Add assertions to existing flows

“Add a visibility assertion after every navigation step in the Onboarding group.”

Audit locator strategy

“List every flow that uses legacy playwright selectors and suggest replacements using getByRole or the proper Playwright locator syntax.”

Generate negative test cases

“For each form in the Registration flow, generate a companion flow that tests invalid inputs and expected error messages.”
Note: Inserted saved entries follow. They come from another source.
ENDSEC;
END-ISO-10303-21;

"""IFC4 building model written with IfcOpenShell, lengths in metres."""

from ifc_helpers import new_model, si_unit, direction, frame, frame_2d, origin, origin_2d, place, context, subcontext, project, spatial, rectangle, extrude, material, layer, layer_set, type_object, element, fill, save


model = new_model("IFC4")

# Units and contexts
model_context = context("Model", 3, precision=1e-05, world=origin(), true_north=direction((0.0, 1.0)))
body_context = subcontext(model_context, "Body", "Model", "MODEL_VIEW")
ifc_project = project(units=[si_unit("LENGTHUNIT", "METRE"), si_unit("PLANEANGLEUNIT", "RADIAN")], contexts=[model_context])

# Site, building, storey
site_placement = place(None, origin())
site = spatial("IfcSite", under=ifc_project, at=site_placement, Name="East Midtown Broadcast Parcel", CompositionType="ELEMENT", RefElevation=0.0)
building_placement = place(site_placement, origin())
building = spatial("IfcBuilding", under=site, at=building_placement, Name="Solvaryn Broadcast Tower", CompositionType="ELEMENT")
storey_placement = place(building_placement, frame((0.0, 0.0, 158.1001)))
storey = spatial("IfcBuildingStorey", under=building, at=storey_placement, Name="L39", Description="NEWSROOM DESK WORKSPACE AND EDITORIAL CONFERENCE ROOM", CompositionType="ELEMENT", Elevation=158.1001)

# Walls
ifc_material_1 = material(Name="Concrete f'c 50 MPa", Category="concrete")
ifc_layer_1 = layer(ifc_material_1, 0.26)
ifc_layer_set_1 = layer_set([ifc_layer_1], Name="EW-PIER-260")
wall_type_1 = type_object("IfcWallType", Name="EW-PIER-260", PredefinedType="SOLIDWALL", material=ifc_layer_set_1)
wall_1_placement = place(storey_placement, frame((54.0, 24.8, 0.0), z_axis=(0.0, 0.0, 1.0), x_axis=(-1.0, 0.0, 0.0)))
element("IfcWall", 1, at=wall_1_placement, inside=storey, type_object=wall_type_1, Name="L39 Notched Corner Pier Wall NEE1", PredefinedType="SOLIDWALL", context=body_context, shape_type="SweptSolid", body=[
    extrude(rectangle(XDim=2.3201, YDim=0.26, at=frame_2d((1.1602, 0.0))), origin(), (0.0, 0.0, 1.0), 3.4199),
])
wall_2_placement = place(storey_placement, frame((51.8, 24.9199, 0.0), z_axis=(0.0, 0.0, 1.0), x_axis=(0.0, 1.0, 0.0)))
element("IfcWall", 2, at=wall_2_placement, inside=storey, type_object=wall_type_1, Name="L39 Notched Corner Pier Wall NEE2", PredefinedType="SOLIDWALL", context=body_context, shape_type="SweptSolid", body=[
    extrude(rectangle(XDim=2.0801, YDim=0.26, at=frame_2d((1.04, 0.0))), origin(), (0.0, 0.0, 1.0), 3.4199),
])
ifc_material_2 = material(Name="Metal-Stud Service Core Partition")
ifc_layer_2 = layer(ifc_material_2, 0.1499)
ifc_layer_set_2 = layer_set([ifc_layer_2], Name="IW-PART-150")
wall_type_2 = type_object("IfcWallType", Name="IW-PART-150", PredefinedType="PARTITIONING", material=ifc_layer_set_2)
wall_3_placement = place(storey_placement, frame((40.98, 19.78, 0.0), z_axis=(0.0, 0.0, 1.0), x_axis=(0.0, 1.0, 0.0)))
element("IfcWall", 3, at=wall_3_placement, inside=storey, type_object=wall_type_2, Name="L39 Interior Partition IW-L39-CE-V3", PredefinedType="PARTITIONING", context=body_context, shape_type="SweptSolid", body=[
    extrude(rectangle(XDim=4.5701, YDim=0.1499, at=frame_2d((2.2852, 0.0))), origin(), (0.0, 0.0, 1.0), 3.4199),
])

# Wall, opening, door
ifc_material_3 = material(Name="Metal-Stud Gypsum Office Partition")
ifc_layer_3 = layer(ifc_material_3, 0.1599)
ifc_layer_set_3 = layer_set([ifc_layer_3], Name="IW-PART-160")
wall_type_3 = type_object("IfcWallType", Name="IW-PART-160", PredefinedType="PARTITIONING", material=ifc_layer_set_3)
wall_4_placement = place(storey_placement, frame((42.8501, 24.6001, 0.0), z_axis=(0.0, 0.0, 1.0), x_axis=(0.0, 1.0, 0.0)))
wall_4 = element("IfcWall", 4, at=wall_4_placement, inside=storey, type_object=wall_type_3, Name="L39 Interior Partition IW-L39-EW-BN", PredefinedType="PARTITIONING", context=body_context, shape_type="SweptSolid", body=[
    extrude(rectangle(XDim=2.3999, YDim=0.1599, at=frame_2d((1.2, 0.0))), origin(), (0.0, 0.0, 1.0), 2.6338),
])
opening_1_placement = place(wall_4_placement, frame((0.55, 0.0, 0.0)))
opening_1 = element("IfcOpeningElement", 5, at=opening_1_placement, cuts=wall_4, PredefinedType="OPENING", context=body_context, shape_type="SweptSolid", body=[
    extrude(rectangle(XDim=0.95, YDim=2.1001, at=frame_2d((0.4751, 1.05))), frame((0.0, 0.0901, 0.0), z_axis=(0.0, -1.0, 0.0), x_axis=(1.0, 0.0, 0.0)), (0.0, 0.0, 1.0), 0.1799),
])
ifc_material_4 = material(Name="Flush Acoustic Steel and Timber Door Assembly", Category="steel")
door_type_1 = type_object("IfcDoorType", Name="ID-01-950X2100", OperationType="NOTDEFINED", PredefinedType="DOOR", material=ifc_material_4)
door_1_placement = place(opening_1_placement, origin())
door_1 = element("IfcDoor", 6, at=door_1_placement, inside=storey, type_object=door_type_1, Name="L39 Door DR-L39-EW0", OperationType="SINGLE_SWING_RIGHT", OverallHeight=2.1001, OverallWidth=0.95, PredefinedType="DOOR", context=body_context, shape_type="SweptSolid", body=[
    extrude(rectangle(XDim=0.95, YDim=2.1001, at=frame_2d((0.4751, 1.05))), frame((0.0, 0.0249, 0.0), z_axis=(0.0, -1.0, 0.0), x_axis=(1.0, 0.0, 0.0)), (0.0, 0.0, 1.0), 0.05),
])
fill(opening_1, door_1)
Document flows with descriptions

“Add a one-line description comment at the top of every flow in the Payments group summarizing what it tests.”
For best results, be specific about which flows or groups you want the AI to modify. Naming the exact flows, groups, selectors, or patterns helps the AI apply your changes accurately.

How to customize AI behavior with SKILL.md files

SKILL.md files let you give the AI persistent context about your project, such as:
  • coding conventions
  • preferred selectors
  • shared utilities
  • domain knowledge
  • etc.

What is a SKILL.md file?

A SKILL.md file is a Markdown file with a structured header that the AI reads before responding. Use it to encode standards and patterns you’d otherwise repeat in every conversation.

SKILL.md format

Every SKILL.md file must start with the following header:
---
name: the-name
description: the-description
---

The rest of the body goes here.
FieldPurpose
nameA short identifier for the skill (e.g., selector-conventions)
descriptionA brief summary the AI uses to decide when this skill is relevant
BodyThe full instructions, examples, and rules the AI should follow
Keep each SKILL.md file in its own folder for clarity and easy management.
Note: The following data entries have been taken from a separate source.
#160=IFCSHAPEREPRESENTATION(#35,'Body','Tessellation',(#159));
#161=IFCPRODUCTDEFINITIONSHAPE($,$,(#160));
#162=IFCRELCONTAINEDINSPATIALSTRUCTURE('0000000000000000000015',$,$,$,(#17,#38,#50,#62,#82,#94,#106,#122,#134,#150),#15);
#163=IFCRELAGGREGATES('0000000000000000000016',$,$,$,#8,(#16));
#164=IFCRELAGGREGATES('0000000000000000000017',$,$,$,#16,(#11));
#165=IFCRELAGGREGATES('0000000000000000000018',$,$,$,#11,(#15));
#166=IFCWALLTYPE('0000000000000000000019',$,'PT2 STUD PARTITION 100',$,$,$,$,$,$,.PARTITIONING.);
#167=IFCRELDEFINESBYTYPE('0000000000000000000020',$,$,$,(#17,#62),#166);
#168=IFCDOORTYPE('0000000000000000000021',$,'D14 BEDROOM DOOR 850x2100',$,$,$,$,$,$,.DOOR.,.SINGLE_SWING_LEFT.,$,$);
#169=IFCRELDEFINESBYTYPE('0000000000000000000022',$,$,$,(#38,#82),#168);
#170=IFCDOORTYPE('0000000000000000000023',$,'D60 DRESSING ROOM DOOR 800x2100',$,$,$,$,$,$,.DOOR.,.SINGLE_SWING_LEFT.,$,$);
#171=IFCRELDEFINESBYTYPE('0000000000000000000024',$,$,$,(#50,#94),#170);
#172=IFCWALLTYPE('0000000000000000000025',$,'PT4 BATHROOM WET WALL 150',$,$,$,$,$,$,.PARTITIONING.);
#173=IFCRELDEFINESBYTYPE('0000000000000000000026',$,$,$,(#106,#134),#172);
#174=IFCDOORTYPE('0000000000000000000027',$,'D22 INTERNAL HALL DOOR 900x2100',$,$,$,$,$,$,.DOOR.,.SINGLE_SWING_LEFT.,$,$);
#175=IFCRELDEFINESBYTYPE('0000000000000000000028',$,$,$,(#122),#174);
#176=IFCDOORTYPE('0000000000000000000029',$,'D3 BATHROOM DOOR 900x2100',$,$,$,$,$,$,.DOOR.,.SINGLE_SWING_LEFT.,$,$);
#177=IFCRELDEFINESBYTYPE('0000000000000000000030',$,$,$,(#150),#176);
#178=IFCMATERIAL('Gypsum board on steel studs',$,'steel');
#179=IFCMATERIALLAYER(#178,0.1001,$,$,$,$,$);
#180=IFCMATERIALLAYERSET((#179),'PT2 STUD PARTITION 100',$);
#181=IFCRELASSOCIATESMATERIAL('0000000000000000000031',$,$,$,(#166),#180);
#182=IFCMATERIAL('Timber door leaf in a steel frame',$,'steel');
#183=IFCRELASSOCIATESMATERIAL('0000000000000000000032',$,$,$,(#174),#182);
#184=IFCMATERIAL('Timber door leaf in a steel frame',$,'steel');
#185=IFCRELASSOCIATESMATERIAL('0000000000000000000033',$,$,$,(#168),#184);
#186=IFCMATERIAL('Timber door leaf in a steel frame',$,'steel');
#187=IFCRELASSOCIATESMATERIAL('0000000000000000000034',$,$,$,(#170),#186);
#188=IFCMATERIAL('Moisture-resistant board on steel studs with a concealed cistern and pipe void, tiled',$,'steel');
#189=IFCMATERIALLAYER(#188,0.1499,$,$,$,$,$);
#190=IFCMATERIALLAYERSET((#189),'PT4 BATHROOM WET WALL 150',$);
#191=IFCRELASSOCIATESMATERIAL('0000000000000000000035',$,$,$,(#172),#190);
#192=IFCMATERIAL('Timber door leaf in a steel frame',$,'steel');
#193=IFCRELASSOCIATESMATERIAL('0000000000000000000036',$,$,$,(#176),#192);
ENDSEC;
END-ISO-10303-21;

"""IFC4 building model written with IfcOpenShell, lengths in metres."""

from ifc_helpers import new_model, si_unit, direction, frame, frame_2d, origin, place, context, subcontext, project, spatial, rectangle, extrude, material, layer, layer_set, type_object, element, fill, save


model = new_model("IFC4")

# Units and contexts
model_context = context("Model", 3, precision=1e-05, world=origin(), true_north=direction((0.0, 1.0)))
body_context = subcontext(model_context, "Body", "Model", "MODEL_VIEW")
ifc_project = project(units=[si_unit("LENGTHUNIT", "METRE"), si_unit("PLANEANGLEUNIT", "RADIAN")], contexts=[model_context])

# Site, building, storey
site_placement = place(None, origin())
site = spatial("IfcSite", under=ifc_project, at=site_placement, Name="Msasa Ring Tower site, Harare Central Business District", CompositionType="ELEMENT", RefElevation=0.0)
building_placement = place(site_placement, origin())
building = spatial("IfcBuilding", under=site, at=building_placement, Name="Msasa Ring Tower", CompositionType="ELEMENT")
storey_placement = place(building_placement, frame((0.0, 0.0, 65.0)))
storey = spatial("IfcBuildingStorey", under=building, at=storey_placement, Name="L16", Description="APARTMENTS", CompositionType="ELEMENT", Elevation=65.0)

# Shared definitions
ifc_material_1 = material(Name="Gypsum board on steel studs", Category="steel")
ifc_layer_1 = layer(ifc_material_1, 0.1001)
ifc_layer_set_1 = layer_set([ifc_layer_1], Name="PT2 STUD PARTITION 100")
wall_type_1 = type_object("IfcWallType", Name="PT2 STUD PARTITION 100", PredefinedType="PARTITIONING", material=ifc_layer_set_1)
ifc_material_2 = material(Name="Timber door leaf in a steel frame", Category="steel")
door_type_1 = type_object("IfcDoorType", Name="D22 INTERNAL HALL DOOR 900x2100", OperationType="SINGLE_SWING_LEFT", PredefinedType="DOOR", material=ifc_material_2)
Example: Flow and test guidelines

---
name: flow-guidelines
description: coding guidelines for writing flow files and tests
---

## Filename convention

- make sure file names don't contain spaces
- Good: \"clear-all-chat.flow.js\"
- Bad: \"Clear All Chats.flow.js\"

## Test content

- All empty tests should contain \"// Arrange\", \"// Act\", \"// Assert\" comments
- Only the first test needs the following code in the Arrange section:

  ```js
  const { context } = await launch();
  page = await context.newPage();
  ```

- The `let page` variable should be defined above, so it can be re-used across tests

Tips for effective bulk prompts

  • Be explicit about scope. Name the flows, groups, or patterns you want the AI to act on. “All flows in the Checkout group” is better than “all checkout flows.”
  • Combine operations when they’re related. “Refactor the login steps into a helper function and update all flows that use them” works well as a single request.
  • Review changes before publishing. Bulk edits are powerful—review the AI’s changes in Code Mode before promoting them.
  • Use SKILL.md files for recurring guidance. If you find yourself repeating the same instructions, encode them in a SKILL.md so the AI applies them automatically.